GEOLOGIC CONTEXT OF LOUISIANA’S BARRIER ISLANDS The coastlines of the modern Mississippi River delta plain are bordered by numerous barrier islands from Raccoon Island in the west to Hewes Point in the northern Chandeleur Islands (Figure 1). These barrier islands could be grouped to represent fragmented remnants of distal extremities of several major delta lobes and headlands: from west to east they are the Teche Delta System, Lafourche Delta System, Modern Delta System, and the St. Bernard Delta System. The back-barrier lagoons are connected to the Gulf of Mexico by approximately 25 tidal inlets, which allow the exchange of diurnal tides. Environments occurring within the official Louisiana coastal zone boundary (http://dnr.louisiana.gov/assets/OCM/CoastalZoneBoundary/CZB 2012/maps/Overview_of_Revised_CZB.pdf) of the delta plain include: alluvium, marshes (fresh, intermediate, brackish and salt), coastal forest, bay, and barrier islands. Barrier island morphology is related to sediment supply and physical processes (Georgiou et al., 2005). Because barrier islands migrate and deteriorate over time (e.g. McBride and Byrnes, 1997), restoration of these habitats will require recurring emplacement of sediment dredged mostly from borrow areas (e.g. Finkl et al., 2006; van Heerden and DeRouen, 1997). Such maintenance events would be the most cost-effective way to

ensure the longevity of the barrier islands.

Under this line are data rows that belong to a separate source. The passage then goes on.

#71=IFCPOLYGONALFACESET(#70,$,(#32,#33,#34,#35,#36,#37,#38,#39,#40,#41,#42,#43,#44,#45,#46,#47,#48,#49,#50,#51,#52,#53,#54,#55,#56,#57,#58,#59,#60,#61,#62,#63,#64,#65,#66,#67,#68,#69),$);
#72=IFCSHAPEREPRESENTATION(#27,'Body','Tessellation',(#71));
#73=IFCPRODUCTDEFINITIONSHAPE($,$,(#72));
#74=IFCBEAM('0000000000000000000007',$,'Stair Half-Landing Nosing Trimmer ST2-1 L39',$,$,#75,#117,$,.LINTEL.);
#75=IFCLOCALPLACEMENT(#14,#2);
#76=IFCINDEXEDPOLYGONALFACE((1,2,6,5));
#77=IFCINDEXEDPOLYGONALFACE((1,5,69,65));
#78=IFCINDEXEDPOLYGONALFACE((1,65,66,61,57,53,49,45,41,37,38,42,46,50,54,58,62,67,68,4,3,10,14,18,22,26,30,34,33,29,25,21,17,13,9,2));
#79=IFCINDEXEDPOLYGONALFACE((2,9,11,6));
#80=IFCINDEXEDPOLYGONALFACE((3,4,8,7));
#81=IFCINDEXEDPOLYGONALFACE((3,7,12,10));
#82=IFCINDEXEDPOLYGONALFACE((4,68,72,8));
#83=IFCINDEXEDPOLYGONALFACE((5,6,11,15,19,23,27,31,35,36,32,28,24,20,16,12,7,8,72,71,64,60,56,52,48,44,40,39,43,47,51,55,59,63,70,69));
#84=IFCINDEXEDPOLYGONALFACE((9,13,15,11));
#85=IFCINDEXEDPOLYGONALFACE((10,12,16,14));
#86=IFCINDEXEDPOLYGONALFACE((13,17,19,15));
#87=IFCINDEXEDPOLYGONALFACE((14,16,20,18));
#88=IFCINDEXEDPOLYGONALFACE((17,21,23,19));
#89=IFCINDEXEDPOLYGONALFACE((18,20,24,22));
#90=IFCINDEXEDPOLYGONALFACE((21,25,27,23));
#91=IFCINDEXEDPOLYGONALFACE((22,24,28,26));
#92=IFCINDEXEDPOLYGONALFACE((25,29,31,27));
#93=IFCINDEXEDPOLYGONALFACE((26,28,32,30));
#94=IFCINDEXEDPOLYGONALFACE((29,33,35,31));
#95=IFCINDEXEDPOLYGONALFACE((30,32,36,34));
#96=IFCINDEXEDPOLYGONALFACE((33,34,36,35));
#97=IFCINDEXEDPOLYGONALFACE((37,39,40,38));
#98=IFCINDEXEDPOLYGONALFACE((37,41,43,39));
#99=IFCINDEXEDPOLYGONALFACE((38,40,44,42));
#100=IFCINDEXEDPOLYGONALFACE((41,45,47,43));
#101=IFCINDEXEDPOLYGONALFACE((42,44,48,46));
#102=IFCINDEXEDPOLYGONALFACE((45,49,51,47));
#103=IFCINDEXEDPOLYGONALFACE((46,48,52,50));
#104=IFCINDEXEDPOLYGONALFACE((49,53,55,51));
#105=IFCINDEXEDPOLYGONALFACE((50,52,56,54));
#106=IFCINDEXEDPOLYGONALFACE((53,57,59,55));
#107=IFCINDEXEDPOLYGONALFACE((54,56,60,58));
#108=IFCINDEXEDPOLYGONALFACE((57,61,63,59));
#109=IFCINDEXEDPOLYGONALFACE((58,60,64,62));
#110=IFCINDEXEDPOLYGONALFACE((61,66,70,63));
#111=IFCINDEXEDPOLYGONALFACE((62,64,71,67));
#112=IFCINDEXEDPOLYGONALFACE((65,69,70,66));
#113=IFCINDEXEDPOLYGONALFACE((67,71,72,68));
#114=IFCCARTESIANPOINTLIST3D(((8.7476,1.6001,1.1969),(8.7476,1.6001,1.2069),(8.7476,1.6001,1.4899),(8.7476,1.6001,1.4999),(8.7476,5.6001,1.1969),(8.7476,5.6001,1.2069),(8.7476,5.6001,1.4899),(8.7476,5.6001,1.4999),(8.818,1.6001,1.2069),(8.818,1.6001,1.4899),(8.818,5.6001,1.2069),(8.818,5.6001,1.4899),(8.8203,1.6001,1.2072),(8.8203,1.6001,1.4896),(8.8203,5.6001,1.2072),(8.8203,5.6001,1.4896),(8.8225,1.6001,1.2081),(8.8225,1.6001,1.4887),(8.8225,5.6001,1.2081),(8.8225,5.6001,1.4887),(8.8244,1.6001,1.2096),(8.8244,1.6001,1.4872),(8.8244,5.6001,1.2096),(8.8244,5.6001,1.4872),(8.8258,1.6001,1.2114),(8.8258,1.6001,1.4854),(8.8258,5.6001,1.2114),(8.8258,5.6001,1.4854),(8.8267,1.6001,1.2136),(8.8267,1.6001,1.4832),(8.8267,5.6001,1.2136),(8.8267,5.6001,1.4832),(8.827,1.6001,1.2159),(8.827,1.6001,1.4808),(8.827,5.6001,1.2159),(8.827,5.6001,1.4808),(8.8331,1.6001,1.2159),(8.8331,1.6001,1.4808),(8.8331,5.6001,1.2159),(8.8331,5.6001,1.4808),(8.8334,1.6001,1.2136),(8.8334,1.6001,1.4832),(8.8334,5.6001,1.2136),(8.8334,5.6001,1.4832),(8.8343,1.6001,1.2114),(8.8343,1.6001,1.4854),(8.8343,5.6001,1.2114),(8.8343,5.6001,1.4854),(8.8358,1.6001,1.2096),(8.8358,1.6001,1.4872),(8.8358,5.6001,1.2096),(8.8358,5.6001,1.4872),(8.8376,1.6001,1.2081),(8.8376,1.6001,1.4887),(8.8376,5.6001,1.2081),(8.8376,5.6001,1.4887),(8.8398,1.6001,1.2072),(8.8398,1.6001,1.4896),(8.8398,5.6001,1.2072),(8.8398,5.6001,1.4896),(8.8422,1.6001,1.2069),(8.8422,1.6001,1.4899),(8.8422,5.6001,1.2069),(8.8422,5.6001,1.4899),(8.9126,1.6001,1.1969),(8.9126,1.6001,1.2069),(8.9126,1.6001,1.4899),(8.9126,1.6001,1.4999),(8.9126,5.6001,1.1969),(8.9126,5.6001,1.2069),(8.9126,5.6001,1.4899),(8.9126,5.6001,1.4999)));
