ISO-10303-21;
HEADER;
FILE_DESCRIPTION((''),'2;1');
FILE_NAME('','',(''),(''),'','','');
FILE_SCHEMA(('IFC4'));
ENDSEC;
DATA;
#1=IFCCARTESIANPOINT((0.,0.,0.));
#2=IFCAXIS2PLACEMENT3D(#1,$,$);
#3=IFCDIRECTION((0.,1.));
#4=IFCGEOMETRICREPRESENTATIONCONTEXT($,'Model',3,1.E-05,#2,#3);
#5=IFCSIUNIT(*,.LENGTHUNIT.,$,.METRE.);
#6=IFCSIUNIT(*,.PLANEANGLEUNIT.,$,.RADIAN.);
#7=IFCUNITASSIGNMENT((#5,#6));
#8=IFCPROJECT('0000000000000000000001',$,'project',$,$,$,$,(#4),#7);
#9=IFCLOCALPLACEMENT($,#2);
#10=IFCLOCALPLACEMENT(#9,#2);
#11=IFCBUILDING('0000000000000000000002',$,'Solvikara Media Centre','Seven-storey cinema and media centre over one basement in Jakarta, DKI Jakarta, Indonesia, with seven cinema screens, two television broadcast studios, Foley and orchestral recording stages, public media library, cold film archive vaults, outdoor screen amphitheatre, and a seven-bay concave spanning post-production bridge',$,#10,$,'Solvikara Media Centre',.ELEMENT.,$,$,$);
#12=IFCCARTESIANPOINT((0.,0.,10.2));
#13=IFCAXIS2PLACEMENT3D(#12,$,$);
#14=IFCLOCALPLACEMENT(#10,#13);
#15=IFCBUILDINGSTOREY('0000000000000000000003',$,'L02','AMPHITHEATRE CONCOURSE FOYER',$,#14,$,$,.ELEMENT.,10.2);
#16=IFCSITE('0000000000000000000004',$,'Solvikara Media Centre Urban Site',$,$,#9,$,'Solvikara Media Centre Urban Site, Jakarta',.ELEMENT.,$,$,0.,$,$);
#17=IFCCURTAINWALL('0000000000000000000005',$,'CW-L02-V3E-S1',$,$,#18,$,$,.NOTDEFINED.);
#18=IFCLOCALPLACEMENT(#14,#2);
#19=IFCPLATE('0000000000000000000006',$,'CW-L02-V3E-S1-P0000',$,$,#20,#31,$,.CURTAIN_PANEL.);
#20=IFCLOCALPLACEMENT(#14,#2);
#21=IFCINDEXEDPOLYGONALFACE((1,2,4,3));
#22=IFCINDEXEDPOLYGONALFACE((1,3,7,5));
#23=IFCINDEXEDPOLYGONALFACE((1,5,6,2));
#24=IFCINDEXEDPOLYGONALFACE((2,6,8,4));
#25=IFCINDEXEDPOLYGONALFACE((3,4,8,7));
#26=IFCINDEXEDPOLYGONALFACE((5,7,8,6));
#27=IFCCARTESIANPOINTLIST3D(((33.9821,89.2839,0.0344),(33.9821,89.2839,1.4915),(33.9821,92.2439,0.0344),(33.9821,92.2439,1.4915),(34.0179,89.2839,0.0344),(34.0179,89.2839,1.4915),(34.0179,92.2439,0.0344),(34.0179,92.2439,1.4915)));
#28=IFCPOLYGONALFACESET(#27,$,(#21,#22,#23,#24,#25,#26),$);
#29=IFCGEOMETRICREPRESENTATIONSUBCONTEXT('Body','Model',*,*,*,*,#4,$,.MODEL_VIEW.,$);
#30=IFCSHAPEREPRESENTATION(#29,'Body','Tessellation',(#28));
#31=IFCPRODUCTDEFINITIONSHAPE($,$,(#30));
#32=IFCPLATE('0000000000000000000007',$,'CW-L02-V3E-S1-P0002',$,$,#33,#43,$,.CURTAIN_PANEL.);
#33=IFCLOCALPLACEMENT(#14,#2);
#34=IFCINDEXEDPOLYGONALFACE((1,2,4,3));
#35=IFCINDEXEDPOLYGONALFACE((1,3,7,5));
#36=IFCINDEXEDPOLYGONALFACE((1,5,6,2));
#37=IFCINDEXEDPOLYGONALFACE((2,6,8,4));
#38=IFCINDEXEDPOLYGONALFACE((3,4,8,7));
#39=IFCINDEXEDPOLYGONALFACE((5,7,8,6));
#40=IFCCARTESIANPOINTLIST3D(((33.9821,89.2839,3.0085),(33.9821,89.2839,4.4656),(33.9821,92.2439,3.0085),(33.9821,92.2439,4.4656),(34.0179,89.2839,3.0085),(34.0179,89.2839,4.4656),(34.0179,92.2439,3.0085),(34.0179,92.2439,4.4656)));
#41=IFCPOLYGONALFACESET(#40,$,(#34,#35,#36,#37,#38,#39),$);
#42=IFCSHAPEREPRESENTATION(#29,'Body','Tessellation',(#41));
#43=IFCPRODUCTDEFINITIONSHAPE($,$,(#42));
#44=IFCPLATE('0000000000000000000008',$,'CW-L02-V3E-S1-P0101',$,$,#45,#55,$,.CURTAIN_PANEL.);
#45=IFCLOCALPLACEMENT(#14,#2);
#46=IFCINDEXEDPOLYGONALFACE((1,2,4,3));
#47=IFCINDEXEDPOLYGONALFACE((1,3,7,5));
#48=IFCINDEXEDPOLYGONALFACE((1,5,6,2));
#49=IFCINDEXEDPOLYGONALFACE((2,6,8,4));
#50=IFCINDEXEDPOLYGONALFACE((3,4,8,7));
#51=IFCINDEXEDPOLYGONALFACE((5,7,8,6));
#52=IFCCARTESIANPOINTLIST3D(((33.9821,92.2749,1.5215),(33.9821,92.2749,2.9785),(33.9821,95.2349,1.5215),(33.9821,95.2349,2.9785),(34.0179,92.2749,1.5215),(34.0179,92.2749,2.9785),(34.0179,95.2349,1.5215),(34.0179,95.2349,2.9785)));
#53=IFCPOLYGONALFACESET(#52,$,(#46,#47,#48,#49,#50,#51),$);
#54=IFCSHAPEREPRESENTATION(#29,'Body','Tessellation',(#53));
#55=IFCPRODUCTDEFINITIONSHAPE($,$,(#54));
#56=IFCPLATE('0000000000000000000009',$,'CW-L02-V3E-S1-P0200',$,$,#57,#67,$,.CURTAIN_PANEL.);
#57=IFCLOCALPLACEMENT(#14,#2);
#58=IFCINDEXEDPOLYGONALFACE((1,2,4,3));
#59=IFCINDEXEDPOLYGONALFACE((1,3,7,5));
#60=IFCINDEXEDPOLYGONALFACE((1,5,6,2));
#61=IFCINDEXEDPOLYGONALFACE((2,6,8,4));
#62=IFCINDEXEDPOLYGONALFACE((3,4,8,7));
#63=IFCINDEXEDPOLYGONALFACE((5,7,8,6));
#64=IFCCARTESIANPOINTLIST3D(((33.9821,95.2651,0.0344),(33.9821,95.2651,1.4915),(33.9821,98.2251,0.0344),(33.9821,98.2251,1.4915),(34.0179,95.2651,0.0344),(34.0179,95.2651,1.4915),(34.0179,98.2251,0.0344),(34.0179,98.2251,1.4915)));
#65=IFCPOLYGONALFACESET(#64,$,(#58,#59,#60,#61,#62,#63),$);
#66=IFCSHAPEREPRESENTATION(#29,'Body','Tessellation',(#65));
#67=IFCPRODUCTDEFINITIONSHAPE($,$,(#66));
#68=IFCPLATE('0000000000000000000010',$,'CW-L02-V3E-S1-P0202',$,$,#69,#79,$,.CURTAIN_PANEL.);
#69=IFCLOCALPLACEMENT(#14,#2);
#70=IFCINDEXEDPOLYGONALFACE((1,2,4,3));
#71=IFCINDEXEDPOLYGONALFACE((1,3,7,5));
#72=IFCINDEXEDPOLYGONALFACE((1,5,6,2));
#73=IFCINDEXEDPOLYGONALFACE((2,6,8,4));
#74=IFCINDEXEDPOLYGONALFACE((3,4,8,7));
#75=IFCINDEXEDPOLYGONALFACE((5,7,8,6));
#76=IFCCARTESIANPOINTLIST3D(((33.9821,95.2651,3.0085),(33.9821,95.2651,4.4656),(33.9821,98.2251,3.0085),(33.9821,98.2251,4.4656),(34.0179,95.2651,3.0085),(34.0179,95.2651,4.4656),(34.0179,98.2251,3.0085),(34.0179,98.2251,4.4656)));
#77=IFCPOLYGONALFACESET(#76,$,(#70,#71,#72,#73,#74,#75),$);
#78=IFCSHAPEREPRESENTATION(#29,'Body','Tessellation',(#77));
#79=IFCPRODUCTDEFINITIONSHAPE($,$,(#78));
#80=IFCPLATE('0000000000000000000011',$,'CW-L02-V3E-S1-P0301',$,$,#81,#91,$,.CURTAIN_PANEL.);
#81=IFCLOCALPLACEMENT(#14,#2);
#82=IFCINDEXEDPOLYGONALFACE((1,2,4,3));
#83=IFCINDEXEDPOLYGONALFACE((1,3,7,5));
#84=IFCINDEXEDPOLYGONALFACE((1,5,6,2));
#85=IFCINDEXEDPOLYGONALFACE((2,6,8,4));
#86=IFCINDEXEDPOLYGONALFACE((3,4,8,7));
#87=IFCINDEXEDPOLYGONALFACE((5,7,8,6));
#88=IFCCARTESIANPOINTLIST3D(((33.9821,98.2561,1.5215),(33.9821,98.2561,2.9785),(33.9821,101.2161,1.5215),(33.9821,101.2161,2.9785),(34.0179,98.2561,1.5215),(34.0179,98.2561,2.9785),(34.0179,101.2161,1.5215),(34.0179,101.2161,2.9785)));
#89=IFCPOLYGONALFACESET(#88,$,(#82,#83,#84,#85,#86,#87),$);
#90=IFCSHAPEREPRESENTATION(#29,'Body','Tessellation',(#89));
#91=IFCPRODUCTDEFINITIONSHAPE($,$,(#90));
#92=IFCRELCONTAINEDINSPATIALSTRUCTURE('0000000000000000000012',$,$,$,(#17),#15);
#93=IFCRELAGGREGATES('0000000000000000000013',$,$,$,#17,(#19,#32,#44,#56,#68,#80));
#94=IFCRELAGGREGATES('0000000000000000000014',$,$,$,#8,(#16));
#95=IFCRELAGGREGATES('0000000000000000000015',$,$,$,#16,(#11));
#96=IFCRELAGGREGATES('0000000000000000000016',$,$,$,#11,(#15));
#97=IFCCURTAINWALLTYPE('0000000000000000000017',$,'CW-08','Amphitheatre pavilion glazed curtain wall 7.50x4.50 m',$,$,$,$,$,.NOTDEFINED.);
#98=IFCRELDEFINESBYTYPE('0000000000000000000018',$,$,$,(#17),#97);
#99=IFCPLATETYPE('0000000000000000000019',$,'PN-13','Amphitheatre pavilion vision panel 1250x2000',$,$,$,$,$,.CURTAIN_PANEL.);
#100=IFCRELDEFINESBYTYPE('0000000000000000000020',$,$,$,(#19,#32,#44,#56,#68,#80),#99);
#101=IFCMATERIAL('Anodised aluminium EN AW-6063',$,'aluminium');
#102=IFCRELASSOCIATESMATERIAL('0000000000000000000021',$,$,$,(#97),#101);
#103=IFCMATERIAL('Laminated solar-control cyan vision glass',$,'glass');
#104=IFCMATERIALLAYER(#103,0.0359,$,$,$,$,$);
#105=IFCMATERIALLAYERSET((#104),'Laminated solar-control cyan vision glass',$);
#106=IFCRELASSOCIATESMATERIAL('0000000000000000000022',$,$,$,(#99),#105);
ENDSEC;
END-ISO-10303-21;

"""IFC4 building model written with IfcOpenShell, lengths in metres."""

from ifc_helpers import new_model, si_unit, direction, frame, origin, origin_2d, place, context, subcontext, project, spatial, rectangle, extrude, material, layer, layer_set, type_object, element, aggregate, save


model = new_model("IFC4")

# Units and contexts
model_context = context("Model", 3, precision=1e-05, world=origin(), true_north=direction((0.0, 1.0)))
body_context = subcontext(model_context, "Body", "Model", "MODEL_VIEW")
ifc_project = project(units=[si_unit("LENGTHUNIT", "METRE"), si_unit("PLANEANGLEUNIT", "RADIAN")], contexts=[model_context])

# Site, building, storey
site_placement = place(None, origin())
site = spatial("IfcSite", under=ifc_project, at=site_placement, Name="Solvikara Media Centre Urban Site", LongName="Solvikara Media Centre Urban Site, Jakarta", CompositionType="ELEMENT", RefElevation=0.0)
building_placement = place(site_placement, origin())
building = spatial("IfcBuilding", under=site, at=building_placement, Name="Solvikara Media Centre", Description="Seven-storey cinema and media centre over one basement in Jakarta, DKI Jakarta, Indonesia, with seven cinema screens, two television broadcast studios, Foley and orchestral recording stages, public media library, cold film archive vaults, outdoor screen amphitheatre, and a seven-bay concave spanning post-production bridge", LongName="Solvikara Media Centre", CompositionType="ELEMENT")
storey_placement = place(building_placement, frame((0.0, 0.0, 10.2)))
storey = spatial("IfcBuildingStorey", under=building, at=storey_placement, Name="L02", Description="AMPHITHEATRE CONCOURSE FOYER", CompositionType="ELEMENT", Elevation=10.2)

# Curtain wall
ifc_material_1 = material(Name="Anodised aluminium EN AW-6063", Category="aluminium")
curtain_wall_type = type_object("IfcCurtainWallType", Name="CW-08", Description="Amphitheatre pavilion glazed curtain wall 7.50x4.50 m", PredefinedType="NOTDEFINED", material=ifc_material_1)
curtain_wall_1_placement = place(storey_placement, origin())
curtain_wall_1 = element("IfcCurtainWall", 1, at=curtain_wall_1_placement, inside=storey, type_object=curtain_wall_type, Name="CW-L02-V3E-S1", PredefinedType="NOTDEFINED")

# Plates
ifc_material_2 = material(Name="Laminated solar-control cyan vision glass", Category="glass")
ifc_layer_1 = layer(ifc_material_2, 0.0359)
ifc_layer_set_1 = layer_set([ifc_layer_1], Name="Laminated solar-control cyan vision glass")
plate_type_1 = type_object("IfcPlateType", Name="PN-13", Description="Amphitheatre pavilion vision panel 1250x2000", PredefinedType="CURTAIN_PANEL", material=ifc_layer_set_1)
plate_1_placement = place(storey_placement, frame((34.0, 90.7639, 0.0344), z_axis=(0.0, 0.0, 1.0), x_axis=(0.0, 1.0, 0.0)))
plate_1 = element("IfcPlate", 2, at=plate_1_placement, type_object=plate_type_1, Name="CW-L02-V3E-S1-P0000", PredefinedType="CURTAIN_PANEL", context=body_context, shape_type="SweptSolid", body=[
    extrude(rectangle(XDim=2.96, YDim=0.0359, at=origin_2d()), origin(), (0.0, 0.0, 1.0), 1.457),
])
plate_2_placement = place(storey_placement, frame((34.0, 90.7639, 3.0085), z_axis=(0.0, 0.0, 1.0), x_axis=(0.0, 1.0, 0.0)))
plate_2 = element("IfcPlate", 3, at=plate_2_placement, type_object=plate_type_1, Name="CW-L02-V3E-S1-P0002", PredefinedType="CURTAIN_PANEL", context=body_context, shape_type="SweptSolid", body=[
    extrude(rectangle(XDim=2.96, YDim=0.0359, at=origin_2d()), origin(), (0.0, 0.0, 1.0), 1.457),
])
plate_3_placement = place(storey_placement, frame((34.0, 93.7549, 1.5215), z_axis=(0.0, 0.0, 1.0), x_axis=(0.0, 1.0, 0.0)))
plate_3 = element("IfcPlate", 4, at=plate_3_placement, type_object=plate_type_1, Name="CW-L02-V3E-S1-P0101", PredefinedType="CURTAIN_PANEL", context=body_context, shape_type="SweptSolid", body=[
    extrude(rectangle(XDim=2.96, YDim=0.0359, at=origin_2d()), origin(), (0.0, 0.0, 1.0), 1.457),
])
plate_4_placement = place(storey_placement, frame((34.0, 96.7451, 0.0344), z_axis=(0.0, 0.0, 1.0), x_axis=(0.0, 1.0, 0.0)))
plate_4 = element("IfcPlate", 5, at=plate_4_placement, type_object=plate_type_1, Name="CW-L02-V3E-S1-P0200", PredefinedType="CURTAIN_PANEL", context=body_context, shape_type="SweptSolid", body=[
    extrude(rectangle(XDim=2.96, YDim=0.0359, at=origin_2d()), origin(), (0.0, 0.0, 1.0), 1.457),
])
plate_5_placement = place(storey_placement, frame((34.0, 96.7451, 3.0085), z_axis=(0.0, 0.0, 1.0), x_axis=(0.0, 1.0, 0.0)))
plate_5 = element("IfcPlate", 6, at=plate_5_placement, type_object=plate_type_1, Name="CW-L02-V3E-S1-P0202", PredefinedType="CURTAIN_PANEL", context=body_context, shape_type="SweptSolid", body=[
    extrude(rectangle(XDim=2.96, YDim=0.0359, at=origin_2d()), origin(), (0.0, 0.0, 1.0), 1.457),
])
plate_6_placement = place(storey_placement, frame((34.0, 99.7361, 1.5215), z_axis=(0.0, 0.0, 1.0), x_axis=(0.0, 1.0, 0.0)))
plate_6 = element("IfcPlate", 7, at=plate_6_placement, type_object=plate_type_1, Name="CW-L02-V3E-S1-P0301", PredefinedType="CURTAIN_PANEL", context=body_context, shape_type="SweptSolid", body=[
    extrude(rectangle(XDim=2.96, YDim=0.0359, at=origin_2d()), origin(), (0.0, 0.0, 1.0), 1.457),
])
aggregate(curtain_wall_1, [plate_1, plate_2, plate_3, plate_4, plate_5, plate_6])

save(model, "model.ifc")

LOUISIANA BARRIER ISLAND DEGRADATIONAL PROCESSES Barrier islands and abandoned deltaic headland shorelines are rapidly migrating landward and degrading (e.g., Penland et al. 1988; Williams et al. 1992). Processes associated with the transgressive phase of the delta cycle (Roberts, 1997) that include high rates of delta plain subsidence, a paucity of sand, and interior wetland loss, coupled with climatic factors such as eustatic sealevel rise and frequent large-magnitude storm impacts, collectively contribute to barrier degradation (Fearnley et al. 2009; FitzGerald et al. 2007; List et al. 1994, 1997; McBride et al. 1992; Miner et al. 2009; Penland and Ramsey 1990). A large deficit in the coastal sediment budget, high rates of relative sea-level rise (~9 mm/yr), and storm-induced current and wave erosion are forcing barrier shoreface retreat along the periphery of the Mississippi River delta plain. Additionally, conversion of interior wetlands to open water has increased the bay tidal prism, resulting in degradation of barrier islands due to inlet widening, formation of new inlets, and sediment sequestration at ebb-tidal deltas. As a result, the structural integrity and continuity of the barrier shoreline weakens as the barrier islands narrow, fragment and submerge. In the past 100 years, total barrier island subaerial area has declined 55% at an average rate of 63 ha/yr (McBride and Byrnes 1997). This deterioration will continue to destroy Louisiana’s barrier coastline until coastal restoration techniques are implemented that complement natural processes to restore and fortify the shoreline and restore coastal processes that promote sustainability. The seemingly disparate and disjointed units of barrier islands and headlands occurring in a chain from Raccoon Point to Sandy Point (west of the Mississippi River) and from Hewes Point to Curlew Island (East of the Mississippi River) are parts of a formerly contiguous barrier island system (Figure 1). Conversion of land to open water and consequential enlargement of bays and

Figure 1. Locations of barrier islands and barrier island systems in coastal Louisiana.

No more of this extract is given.